Néanmoins, comme c’est quand même des trottinettes dont il est d’abord question, les auteurs admettent leur «déploiement pour le moins chaotique». Mais ce qui les frappe le plus, c’est «un air de déjà-vu». Pas à cause des stratégies offensives des opérateurs, pourtant assez répétitives. Mais parce qu’on revoit «le même type de controverses et de tensions [qui] a accompagné le déploiement des nouveaux services urbains opérés par les plateformes de services de location de courte durée», soit Airbnb, Uber, Waze ou Amazon… Là, le professeur s’interroge sur «la courbe des apprentissages» des élus qui ne leur semble pas marquée par «le retour d’expérience».

Des mises en fourrière à la «légalité incertaine»

Le plus étonnant dans cette analyse, c’est qu’elle renvoie dos à dos les parties en présence. Ces services «génèrent autant d’externalités positives et de satisfaction pour les uns que d’externalités négatives et de nuisances pour les autres». Les conditions de déploiement du service «lui ont été préjudiciables», une «situation anarchique» a suivi mais «la réponse réglementaire établie dans l’urgence et la précipitation […] ne répond qu’imparfaitement aux défaillances qu’elle est supposée corriger». Quant aux opérateurs, «ils se sont montrés, dans une logique d’autorégulation, conciliants et attentifs à corriger certaines de leurs pratiques pour éviter une régulation trop restrictive et punitive». Les auteurs de la note s’étonnent d’ailleurs qu’ils n’aient pas contesté les nombreuses mises en fourrière, «dont la légalité était incertaine».

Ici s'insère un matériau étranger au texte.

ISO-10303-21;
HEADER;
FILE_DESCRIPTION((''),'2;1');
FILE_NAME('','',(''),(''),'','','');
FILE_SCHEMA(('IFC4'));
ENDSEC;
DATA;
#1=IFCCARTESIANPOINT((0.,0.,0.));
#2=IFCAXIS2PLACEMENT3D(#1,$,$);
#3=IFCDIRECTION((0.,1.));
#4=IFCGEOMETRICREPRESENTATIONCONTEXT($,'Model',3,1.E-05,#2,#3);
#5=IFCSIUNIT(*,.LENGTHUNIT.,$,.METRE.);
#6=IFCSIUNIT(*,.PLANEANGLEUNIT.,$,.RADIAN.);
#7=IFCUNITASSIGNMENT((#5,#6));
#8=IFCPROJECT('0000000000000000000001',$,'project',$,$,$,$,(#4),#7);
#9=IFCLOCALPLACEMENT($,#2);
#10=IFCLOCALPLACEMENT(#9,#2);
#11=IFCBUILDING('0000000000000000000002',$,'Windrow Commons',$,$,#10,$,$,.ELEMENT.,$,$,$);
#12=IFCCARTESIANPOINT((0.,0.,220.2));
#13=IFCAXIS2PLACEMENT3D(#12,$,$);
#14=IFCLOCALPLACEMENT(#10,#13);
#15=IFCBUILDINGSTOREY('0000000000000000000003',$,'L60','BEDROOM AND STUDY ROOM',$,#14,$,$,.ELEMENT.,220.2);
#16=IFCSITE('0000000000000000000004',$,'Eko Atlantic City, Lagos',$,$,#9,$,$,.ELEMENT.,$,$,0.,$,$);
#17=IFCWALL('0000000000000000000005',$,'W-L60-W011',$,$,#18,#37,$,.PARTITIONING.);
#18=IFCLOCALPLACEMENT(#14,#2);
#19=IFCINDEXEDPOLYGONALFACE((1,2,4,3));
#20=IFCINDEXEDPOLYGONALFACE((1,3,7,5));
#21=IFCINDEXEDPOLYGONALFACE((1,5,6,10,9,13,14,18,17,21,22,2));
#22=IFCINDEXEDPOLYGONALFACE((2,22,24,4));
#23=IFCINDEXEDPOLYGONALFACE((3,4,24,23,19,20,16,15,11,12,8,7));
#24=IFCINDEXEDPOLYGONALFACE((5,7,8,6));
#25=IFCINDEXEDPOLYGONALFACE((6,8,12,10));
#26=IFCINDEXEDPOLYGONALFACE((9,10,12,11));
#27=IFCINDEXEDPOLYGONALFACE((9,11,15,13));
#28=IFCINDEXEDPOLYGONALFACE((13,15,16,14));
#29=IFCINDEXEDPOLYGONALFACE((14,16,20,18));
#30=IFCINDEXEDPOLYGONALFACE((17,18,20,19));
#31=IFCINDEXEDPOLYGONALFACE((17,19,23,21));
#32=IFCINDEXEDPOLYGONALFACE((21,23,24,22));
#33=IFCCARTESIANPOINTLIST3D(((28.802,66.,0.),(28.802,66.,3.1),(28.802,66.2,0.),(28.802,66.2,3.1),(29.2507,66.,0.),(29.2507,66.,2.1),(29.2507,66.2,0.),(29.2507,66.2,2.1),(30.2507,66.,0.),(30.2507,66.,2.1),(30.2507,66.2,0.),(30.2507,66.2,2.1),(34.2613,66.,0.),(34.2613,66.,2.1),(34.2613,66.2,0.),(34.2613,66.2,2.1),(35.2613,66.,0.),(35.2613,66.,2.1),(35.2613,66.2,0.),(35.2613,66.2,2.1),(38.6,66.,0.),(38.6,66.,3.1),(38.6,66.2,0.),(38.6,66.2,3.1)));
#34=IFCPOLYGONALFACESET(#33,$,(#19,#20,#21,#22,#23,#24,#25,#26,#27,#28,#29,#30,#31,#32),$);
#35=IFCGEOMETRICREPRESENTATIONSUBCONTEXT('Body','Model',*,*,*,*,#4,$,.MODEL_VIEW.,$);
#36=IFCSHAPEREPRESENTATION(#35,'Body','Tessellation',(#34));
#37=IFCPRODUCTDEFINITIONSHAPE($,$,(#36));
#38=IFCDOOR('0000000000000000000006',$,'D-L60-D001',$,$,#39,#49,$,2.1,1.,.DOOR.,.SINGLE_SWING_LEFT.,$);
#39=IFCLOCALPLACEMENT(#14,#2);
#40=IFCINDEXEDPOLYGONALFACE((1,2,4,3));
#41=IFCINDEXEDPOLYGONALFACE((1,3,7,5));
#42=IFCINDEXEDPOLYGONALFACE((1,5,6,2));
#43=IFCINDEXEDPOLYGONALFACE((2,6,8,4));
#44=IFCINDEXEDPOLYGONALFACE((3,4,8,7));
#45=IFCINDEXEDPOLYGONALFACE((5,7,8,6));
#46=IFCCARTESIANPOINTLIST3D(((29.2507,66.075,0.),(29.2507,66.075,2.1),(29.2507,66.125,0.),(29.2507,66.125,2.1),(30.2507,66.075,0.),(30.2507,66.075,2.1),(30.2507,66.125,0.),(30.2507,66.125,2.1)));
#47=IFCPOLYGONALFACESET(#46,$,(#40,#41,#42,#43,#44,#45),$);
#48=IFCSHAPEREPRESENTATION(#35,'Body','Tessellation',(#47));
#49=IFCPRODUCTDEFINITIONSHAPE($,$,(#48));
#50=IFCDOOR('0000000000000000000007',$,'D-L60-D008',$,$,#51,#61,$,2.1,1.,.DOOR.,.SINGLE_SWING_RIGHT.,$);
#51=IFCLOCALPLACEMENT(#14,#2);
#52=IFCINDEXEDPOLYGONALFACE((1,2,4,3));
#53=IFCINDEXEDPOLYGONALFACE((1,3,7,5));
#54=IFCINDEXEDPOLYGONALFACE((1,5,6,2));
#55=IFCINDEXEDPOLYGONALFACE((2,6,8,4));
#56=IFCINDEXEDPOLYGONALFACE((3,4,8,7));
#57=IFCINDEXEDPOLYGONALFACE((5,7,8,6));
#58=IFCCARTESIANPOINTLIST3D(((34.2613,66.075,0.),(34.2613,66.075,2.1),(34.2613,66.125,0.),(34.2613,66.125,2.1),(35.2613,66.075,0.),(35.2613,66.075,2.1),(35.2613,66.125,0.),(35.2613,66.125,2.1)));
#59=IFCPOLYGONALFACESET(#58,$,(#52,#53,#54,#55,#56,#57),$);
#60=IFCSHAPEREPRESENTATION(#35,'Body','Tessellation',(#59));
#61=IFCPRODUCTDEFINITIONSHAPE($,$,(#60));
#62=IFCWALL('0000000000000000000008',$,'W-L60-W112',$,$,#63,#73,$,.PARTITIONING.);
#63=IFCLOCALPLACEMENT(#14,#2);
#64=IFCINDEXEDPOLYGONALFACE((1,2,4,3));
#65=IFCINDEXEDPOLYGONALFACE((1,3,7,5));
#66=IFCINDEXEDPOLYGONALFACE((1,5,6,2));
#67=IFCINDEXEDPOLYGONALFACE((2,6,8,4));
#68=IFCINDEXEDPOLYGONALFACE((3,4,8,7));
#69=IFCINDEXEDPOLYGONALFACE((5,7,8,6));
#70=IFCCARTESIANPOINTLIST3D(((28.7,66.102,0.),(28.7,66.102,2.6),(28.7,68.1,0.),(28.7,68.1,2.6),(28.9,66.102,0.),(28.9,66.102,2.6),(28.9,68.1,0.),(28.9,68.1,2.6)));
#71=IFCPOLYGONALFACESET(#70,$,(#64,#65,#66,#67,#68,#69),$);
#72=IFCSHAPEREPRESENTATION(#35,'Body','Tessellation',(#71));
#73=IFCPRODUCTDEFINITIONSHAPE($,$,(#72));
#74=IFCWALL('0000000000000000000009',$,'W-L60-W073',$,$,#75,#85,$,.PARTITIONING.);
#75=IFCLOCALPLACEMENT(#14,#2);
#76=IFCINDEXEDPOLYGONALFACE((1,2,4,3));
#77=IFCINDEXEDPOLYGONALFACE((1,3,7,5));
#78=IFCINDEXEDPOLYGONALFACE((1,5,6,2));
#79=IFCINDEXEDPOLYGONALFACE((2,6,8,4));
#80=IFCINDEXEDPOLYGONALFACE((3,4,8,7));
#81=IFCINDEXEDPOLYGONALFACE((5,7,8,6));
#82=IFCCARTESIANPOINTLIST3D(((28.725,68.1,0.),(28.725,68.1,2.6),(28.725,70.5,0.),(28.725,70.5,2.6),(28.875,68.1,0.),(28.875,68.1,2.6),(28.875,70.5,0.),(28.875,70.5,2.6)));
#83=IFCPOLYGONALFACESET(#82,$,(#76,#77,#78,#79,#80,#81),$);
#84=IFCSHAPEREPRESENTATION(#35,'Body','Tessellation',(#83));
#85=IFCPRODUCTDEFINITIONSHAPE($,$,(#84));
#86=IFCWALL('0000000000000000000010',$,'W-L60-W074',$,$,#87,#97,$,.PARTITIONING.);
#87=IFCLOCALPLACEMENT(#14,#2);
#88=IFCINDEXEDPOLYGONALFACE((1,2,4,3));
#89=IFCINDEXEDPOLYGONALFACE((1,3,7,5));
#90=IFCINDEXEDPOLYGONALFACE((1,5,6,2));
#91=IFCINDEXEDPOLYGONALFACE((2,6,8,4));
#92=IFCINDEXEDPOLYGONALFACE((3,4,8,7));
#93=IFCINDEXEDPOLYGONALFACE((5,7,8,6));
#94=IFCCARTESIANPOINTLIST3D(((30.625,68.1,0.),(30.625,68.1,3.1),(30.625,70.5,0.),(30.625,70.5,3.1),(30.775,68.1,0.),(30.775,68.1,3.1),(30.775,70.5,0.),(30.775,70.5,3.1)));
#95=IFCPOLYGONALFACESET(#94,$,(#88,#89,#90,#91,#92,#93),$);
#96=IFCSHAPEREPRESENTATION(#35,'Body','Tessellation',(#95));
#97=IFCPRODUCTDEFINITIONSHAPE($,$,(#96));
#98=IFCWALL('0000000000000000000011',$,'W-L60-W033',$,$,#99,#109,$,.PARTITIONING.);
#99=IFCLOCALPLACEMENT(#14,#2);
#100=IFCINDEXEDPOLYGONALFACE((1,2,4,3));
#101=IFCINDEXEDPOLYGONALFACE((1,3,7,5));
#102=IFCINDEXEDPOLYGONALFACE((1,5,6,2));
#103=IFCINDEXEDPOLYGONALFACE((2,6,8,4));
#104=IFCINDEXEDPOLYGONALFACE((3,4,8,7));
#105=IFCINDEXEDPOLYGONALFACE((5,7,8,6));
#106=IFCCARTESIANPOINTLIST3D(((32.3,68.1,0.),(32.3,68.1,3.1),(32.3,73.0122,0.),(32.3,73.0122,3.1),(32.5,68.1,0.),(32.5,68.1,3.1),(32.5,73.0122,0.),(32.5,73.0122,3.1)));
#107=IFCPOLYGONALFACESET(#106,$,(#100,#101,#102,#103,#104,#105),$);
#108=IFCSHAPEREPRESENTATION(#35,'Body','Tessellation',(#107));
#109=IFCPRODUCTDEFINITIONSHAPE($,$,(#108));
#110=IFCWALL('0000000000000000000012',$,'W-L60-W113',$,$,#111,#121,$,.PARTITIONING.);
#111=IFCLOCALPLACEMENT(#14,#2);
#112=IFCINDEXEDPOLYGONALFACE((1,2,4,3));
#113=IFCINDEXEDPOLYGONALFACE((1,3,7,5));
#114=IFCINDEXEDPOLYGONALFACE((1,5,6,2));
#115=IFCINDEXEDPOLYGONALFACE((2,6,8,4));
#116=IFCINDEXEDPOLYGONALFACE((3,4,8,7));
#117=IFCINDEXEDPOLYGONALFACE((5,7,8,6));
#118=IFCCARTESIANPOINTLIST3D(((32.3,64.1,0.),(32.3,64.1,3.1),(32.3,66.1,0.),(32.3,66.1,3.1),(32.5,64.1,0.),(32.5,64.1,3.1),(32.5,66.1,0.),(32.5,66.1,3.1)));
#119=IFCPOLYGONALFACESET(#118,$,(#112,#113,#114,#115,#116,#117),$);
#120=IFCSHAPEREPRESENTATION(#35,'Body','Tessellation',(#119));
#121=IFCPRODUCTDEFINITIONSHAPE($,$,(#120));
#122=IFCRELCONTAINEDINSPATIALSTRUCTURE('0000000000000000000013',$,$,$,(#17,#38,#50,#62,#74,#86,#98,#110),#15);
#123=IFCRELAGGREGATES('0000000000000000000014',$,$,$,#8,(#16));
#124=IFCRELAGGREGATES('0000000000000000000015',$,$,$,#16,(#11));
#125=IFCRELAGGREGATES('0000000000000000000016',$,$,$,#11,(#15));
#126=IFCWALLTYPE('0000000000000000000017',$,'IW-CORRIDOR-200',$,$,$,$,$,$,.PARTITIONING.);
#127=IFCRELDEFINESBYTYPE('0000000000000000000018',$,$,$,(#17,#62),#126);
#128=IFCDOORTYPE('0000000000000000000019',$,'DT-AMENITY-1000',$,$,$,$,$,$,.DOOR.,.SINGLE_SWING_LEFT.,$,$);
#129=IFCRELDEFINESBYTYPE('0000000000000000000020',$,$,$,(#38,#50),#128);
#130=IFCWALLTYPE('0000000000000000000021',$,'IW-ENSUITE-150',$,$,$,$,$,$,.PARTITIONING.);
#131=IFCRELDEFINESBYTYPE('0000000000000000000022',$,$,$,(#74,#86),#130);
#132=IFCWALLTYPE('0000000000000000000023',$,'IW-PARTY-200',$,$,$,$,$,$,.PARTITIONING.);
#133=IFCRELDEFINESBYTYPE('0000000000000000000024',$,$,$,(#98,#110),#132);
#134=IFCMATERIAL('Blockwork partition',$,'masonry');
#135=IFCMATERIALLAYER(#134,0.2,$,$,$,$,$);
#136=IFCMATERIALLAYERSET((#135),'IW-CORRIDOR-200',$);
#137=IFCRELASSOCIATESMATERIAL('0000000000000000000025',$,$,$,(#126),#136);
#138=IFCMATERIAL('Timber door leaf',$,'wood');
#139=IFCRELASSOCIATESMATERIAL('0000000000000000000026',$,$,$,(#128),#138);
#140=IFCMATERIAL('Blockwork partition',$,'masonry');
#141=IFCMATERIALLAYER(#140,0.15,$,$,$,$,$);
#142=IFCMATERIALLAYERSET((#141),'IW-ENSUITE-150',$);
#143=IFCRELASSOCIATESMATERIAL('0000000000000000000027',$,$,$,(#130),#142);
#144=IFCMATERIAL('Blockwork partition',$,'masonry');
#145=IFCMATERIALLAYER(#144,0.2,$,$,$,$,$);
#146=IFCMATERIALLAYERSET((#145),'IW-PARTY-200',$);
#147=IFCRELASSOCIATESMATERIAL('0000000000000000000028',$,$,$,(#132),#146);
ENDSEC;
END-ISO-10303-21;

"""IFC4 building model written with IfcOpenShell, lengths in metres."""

from ifc_helpers import new_model, si_unit, direction, frame, frame_2d, origin, place, context, subcontext, project, spatial, rectangle, extrude, material, layer, layer_set, type_object, element, fill, save


model = new_model("IFC4")

# Units and contexts
model_context = context("Model", 3, precision=1e-05, world=origin(), true_north=direction((0.0, 1.0)))
body_context = subcontext(model_context, "Body", "Model", "MODEL_VIEW")
ifc_project = project(units=[si_unit("LENGTHUNIT", "METRE"), si_unit("PLANEANGLEUNIT", "RADIAN")], contexts=[model_context])

# Site, building, storey
site_placement = place(None, origin())
site = spatial("IfcSite", under=ifc_project, at=site_placement, Name="Eko Atlantic City, Lagos", CompositionType="ELEMENT", RefElevation=0.0)
building_placement = place(site_placement, origin())
building = spatial("IfcBuilding", under=site, at=building_placement, Name="Windrow Commons", CompositionType="ELEMENT")
storey_placement = place(building_placement, frame((0.0, 0.0, 220.2)))
storey = spatial("IfcBuildingStorey", under=building, at=storey_placement, Name="L60", Description="BEDROOM AND STUDY ROOM", CompositionType="ELEMENT", Elevation=220.2)

# Wall, openings, doors
ifc_material_1 = material(Name="Blockwork partition", Category="masonry")
ifc_layer_1 = layer(ifc_material_1, 0.2)
ifc_layer_set_1 = layer_set([ifc_layer_1], Name="IW-CORRIDOR-200")
wall_type_1 = type_object("IfcWallType", Name="IW-CORRIDOR-200", PredefinedType="PARTITIONING", material=ifc_layer_set_1)
wall_1_placement = place(storey_placement, frame((28.802, 66.1, 0.0), z_axis=(0.0, 0.0, 1.0), x_axis=(1.0, 0.0, 0.0)))
wall_1 = element("IfcWall", 1, at=wall_1_placement, inside=storey, type_object=wall_type_1, Name="W-L60-W011", PredefinedType="PARTITIONING", context=body_context, shape_type="SweptSolid", body=[
    extrude(rectangle(XDim=9.798, YDim=0.2, at=frame_2d((4.899, 0.0))), origin(), (0.0, 0.0, 1.0), 3.1),
])
opening_1_placement = place(wall_1_placement, frame((0.4487, 0.0, 0.0)))
opening_1 = element("IfcOpeningElement", 2, at=opening_1_placement, cuts=wall_1, PredefinedType="OPENING", context=body_context, shape_type="SweptSolid", body=[
    extrude(rectangle(XDim=1.0, YDim=2.1, at=frame_2d((0.5, 1.05))), frame((0.0, 0.11, 0.0), z_axis=(0.0, -1.0, 0.0), x_axis=(1.0, 0.0, 0.0)), (0.0, 0.0, 1.0), 0.22),
])
opening_2_placement = place(wall_1_placement, frame((5.4593, 0.0, 0.0)))
opening_2 = element("IfcOpeningElement", 3, at=opening_2_placement, cuts=wall_1, PredefinedType="OPENING", context=body_context, shape_type="SweptSolid", body=[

La trottinette a ses qualités de mode de déplacement complémentaire non polluant. Alors, comment la civiliser ? La réponse «passera par un changement de paradigme, celui de la mobilité comme service». Pour atteindre ce graal, il faut qu’une seule application et un seul moyen de paiement permette d’utiliser absolument tout, de la trottinette au train de banlieue en passant par l’autopartage, le vélo libre-service, le métro, le bus, etc. «C’est dans un environnement réglementaire en construction que les collectivités vont devoir s’emparer du sujet.» Au menu : «Une politique d’open data ambitieuse», de sérieuses discussions sur le partage de la valeur et le mariage «sur une même plateforme» d’acteurs «à la fois concurrents et partenaires». Il s’agit, concluent les auteurs, de «bâtir un vrai cadre juridique et régulateur de la ville intelligente».